Has anyone else noticed a significant increase in spam getting through FastMail's filters in the last 24 hours or so? I've gone from no spam at all to a ratio of about 1:1 ham/spam.

Most of it is bounce-back spam.

If you're not seeing it, perhaps it's just my turn to have my primary email address be used as a spammers return email.

Fwiw, I've been seeing less spam recently. I'm curious about why (I haven't changed anything lately), but as far as I can tell, it's a good thing.

[n5bb]

Quote:

Originally Posted by Kocab

Thanks Sherry. I do have an enhanced account, and it has been active until now. I just checked and it's still active. But I reset the setting - perhaps it was modified somehow.

The Fastmail backscatter filter is applied in your Sieve script. So after Fastmail added this feature, your script needs to be modified to add the backscatter filtering. So Sherry's suggestion is correct in the most common situation, where you are only using the Fastmail SMTP and not using a custom script.
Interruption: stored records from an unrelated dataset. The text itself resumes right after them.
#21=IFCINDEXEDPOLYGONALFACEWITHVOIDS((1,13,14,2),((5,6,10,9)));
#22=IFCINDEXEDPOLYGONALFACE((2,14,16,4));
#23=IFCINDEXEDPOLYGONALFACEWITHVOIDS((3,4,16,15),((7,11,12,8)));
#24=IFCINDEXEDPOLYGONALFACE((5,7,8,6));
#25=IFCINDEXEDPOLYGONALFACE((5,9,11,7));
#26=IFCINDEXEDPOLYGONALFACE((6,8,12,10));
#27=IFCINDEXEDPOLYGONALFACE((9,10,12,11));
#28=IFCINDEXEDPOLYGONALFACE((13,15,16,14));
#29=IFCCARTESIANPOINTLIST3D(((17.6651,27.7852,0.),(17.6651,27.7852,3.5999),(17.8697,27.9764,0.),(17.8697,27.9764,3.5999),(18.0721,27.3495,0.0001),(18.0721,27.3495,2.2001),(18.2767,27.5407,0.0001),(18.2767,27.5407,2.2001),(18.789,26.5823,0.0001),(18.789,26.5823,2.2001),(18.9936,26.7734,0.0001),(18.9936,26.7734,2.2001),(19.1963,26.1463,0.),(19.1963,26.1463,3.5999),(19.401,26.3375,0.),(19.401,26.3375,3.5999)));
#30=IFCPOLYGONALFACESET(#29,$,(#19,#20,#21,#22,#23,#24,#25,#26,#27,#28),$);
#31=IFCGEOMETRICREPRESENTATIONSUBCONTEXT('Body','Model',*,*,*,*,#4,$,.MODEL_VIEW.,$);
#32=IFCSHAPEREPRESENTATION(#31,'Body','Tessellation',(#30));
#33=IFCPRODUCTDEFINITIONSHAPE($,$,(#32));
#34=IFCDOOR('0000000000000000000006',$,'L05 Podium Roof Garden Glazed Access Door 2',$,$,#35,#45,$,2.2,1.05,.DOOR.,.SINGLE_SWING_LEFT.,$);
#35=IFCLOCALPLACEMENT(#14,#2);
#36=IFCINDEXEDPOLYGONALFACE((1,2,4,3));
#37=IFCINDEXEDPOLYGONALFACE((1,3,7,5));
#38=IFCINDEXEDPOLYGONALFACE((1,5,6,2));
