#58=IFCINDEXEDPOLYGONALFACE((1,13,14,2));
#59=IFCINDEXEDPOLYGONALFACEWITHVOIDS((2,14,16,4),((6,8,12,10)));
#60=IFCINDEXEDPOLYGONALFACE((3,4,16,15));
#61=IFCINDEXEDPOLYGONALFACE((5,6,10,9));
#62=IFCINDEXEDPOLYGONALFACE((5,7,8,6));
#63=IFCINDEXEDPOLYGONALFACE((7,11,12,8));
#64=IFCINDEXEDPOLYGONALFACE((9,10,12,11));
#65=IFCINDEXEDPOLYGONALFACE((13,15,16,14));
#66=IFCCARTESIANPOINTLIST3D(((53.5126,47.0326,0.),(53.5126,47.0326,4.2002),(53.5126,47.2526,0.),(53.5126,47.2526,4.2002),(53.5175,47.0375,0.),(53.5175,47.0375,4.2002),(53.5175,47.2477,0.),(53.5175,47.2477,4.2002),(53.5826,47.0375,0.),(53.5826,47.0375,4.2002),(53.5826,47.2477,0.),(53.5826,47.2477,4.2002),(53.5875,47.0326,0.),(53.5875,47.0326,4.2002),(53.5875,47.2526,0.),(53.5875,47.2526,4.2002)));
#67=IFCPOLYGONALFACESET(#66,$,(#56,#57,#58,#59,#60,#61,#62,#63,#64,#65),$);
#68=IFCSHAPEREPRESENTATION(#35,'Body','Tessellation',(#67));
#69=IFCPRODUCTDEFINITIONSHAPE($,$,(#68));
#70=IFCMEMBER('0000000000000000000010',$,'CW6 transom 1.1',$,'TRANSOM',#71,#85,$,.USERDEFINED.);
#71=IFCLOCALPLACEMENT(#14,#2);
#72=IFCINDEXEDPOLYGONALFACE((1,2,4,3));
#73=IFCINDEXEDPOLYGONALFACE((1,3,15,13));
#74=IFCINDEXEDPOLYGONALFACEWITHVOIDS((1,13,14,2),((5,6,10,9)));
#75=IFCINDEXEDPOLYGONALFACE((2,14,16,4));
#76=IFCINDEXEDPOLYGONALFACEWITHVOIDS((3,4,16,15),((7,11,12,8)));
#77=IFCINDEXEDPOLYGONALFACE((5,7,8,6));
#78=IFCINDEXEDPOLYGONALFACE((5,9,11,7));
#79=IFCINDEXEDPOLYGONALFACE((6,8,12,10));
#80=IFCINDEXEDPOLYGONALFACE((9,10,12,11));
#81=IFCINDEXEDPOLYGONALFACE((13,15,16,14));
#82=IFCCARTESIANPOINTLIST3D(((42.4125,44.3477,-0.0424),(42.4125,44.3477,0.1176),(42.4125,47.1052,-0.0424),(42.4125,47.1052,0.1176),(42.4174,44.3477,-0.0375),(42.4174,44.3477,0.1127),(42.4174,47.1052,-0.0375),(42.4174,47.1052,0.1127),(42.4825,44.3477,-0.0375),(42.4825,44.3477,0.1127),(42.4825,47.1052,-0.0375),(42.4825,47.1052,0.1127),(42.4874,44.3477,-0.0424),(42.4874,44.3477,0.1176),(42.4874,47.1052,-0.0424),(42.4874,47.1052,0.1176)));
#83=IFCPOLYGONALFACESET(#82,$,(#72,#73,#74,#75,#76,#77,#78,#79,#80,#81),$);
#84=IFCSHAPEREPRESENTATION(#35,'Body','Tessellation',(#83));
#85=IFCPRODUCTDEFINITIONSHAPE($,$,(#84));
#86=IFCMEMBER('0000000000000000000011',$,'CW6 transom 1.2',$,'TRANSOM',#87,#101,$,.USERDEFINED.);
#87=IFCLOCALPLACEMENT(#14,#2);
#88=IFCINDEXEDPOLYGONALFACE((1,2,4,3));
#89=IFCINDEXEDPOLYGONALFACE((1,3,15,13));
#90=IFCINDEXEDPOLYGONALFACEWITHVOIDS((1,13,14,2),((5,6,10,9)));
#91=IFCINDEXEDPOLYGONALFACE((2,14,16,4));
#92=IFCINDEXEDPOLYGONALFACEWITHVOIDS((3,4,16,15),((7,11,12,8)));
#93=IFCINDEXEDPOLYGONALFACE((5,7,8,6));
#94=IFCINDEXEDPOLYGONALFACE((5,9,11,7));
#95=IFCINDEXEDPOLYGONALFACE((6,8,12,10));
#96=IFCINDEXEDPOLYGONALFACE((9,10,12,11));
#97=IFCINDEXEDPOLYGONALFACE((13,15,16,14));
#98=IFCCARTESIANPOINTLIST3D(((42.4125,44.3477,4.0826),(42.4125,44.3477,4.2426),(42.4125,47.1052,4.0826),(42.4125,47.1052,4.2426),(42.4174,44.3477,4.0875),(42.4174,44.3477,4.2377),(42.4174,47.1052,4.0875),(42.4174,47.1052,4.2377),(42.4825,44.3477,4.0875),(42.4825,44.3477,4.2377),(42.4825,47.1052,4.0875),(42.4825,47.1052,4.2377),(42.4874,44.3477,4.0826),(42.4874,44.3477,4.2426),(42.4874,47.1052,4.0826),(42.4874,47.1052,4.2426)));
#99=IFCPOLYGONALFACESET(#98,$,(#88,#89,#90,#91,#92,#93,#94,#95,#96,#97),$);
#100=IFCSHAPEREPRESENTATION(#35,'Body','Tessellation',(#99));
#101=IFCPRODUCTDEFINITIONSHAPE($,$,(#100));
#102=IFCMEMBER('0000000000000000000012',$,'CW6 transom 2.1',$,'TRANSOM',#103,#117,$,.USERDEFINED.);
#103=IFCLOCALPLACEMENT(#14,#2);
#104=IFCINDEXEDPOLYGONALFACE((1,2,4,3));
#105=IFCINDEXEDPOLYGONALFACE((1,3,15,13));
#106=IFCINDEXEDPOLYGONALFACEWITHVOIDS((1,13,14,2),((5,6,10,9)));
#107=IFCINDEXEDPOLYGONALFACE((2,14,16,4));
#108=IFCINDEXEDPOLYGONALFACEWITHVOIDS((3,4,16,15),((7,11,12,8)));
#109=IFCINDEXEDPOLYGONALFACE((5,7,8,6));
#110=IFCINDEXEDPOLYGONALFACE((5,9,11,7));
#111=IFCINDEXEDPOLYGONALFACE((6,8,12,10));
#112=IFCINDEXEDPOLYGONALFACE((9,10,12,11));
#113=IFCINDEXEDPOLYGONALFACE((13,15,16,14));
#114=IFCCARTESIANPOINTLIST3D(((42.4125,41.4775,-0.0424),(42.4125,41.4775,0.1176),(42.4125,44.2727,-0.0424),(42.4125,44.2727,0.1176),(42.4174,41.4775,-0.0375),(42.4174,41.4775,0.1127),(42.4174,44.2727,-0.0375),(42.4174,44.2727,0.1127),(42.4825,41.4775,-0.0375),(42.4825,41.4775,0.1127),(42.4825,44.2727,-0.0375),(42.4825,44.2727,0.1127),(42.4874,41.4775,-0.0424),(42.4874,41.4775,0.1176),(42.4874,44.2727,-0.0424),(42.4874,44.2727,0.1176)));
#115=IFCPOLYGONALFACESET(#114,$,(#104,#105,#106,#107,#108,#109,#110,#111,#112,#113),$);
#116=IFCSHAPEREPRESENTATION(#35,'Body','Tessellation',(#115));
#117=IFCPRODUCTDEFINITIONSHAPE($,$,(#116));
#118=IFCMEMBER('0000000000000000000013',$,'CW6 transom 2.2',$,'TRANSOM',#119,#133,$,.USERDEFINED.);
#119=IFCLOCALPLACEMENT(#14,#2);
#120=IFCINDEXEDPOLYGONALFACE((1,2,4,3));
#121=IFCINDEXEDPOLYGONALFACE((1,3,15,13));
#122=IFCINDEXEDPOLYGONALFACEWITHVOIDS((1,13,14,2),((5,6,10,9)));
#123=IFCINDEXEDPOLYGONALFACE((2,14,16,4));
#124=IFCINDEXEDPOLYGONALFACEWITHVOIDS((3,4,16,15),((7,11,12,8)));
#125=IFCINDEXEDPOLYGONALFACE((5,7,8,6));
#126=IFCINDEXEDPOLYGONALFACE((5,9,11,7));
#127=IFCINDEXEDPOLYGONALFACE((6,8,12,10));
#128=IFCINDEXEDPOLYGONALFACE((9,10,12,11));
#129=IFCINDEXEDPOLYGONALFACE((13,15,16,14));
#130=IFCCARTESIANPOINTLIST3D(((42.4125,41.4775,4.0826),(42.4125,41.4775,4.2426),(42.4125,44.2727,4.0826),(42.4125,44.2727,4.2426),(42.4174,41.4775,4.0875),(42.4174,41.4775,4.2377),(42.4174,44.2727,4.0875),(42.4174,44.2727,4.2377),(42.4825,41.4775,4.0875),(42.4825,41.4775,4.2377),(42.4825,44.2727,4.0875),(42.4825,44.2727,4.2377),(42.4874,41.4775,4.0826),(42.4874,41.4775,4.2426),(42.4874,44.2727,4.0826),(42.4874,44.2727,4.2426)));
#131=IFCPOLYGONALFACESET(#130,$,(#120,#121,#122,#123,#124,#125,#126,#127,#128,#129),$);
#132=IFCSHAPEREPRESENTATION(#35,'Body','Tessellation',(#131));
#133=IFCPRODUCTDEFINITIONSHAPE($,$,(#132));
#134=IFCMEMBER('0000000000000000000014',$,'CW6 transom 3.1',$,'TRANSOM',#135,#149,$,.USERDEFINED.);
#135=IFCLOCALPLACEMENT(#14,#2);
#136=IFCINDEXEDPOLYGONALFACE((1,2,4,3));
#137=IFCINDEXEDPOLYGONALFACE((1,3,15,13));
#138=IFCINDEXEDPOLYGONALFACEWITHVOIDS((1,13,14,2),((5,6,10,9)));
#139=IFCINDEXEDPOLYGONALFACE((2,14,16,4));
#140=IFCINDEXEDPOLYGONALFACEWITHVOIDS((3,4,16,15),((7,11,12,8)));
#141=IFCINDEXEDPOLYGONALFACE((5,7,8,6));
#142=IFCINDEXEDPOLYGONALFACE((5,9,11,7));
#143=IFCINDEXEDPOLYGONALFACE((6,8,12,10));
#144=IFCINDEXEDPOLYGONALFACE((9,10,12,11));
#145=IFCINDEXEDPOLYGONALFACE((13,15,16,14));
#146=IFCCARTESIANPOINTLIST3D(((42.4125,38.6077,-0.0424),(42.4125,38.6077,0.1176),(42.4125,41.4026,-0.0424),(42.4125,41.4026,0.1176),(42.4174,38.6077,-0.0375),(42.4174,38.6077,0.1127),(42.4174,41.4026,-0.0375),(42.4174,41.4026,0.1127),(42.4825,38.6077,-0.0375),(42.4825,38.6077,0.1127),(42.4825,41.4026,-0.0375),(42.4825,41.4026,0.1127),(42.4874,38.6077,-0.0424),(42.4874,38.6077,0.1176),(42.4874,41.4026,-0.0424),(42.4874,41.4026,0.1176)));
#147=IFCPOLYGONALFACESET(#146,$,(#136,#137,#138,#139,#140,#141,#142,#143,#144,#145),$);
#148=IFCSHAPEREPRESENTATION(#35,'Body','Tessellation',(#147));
If you are not using a custom script, then when you select Done in the Options>Spam/Virus Protection screen your backscatter choices are made in your Sieve script automatically. Since this was an added feature, I think the only way that the Backscatter filtering could get into your script is by performing this seemingly unneeded step.

Important note: If you are using your ISP's SMTP and don't use a custom Sieve script, then you need to use the Options>Spam/Virus Protection "Custom" spam protection setting, select Save, add your SMTP servers at the bottom of the screen, then select Done. Otherwise, emails you send through your ISP's SMTP which are properly bounced will be sent to Junk Mail.

But if you are using a custom Sieve script, then you must add the Backscatter filter yourself. Near the top of your Sieve script (after the require initial statement but before any rules with file or forward or keep messages), you would in this case need to add the following script:

Code:

if not header :contains ["X-Spam-known-sender"] "yes" {
if allof(
  header :contains ["X-Backscatter"] "yes",
  not header :matches ["X-LinkName"] "*" 
) {
fileinto "INBOX.Junk Mail";
stop;
} }

Important note: If you ever send email using an address which targets your Fastmail account (your main Fastmail address, an alias, or a virtual alias at your domain) from a non-Fastmail SMTP (such as your ISP's SMTP), then you must add an additional statement to check X-Backscatter-Hosts to the script, resulting in the following code for two SMTP server entries:

Code:

if not header :contains ["X-Spam-known-sender"] "yes" {
if allof(
  header :contains ["X-Backscatter"] "yes",
  not header :matches ["X-LinkName"] "*" ,
  not header :contains ["X-Backscatter-Hosts"] [ "smtp.yourISP.com", "smtp.YOURotherISP.net" ]
) {
fileinto "INBOX.Junk Mail";
stop;
} }

Bill

[DaveHanson]

I've had an EXPLOSION of backscatter spam in the last 8 hours, after having virtually all of it filtered out before today. So you're not alone, OP. It's as if the filtering failed for some reason.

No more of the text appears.